Was sind die zentralen Themenfelder der Publikation?

Im Zentrum stehen die biblische Exegese paulinischer Schriften sowie die philosophische Reflexion über moderne Toleranzkonzepte.

Was ist das primäre Ziel der Untersuchung?

Das Ziel ist es, Ansatzpunkte für ein tolerantes Miteinander im Neuen Testament zu finden und diese in den Kontext einer säkularen, pluralistischen Gesellschaft zu stellen.

Welche wissenschaftliche Methode wird verwendet?

Es handelt sich um eine theologisch-hermeneutische Arbeit, die durch eine philosophische Literaturanalyse ergänzt wird.

Welche Inhalte werden im Hauptteil behandelt?

Der Hauptteil gliedert sich in eine exegetische Untersuchung der paulinischen Briefe hinsichtlich Konfliktmanagement und Religionsverständnis sowie eine Erörterung der Voraussetzungen für heutige Toleranz.

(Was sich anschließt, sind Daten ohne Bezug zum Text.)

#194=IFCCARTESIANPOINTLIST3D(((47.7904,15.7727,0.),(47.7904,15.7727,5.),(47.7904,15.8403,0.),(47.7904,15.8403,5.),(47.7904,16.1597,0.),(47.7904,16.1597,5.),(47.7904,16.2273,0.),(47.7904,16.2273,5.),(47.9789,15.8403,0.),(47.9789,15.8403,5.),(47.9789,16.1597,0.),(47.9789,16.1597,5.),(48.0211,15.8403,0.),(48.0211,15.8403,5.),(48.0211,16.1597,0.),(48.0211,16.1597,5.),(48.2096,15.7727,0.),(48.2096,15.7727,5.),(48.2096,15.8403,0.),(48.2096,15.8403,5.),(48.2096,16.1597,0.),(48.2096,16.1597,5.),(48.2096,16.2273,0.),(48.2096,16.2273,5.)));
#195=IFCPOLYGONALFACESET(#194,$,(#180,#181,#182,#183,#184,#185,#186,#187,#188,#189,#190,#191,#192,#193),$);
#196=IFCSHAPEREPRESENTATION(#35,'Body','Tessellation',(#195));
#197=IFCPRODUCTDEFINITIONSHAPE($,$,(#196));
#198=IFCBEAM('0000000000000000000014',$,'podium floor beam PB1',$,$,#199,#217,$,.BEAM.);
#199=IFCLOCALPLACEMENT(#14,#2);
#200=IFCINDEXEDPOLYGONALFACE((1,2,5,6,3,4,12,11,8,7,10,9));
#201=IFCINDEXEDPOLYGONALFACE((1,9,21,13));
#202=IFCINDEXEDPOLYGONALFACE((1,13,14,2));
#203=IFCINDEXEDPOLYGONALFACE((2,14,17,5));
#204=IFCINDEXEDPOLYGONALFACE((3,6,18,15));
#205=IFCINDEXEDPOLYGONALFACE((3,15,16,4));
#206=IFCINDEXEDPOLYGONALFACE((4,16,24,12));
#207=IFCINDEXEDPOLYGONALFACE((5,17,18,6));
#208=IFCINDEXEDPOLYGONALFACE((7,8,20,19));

Welche Schlüsselbegriffe charakterisieren die Arbeit?

Die zentralen Begriffe sind Toleranz, paulinische Theologie, Interreligiosität, Freiheit und die Suche nach dem „verbindend Verbindlichen“.

Wie bewertet Paulus den Umgang mit „Götzenopferfleisch“ im Vergleich zur Beschneidung?

Paulus toleriert den Verzehr von Götzenopferfleisch als bloße Sitte, solange keine Heilsnotwendigkeit damit verbunden wird, während er die Beschneidung als notwendiges jüdisches Gesetz ablehnt, da dieses im Widerspruch zum christlichen Glauben steht.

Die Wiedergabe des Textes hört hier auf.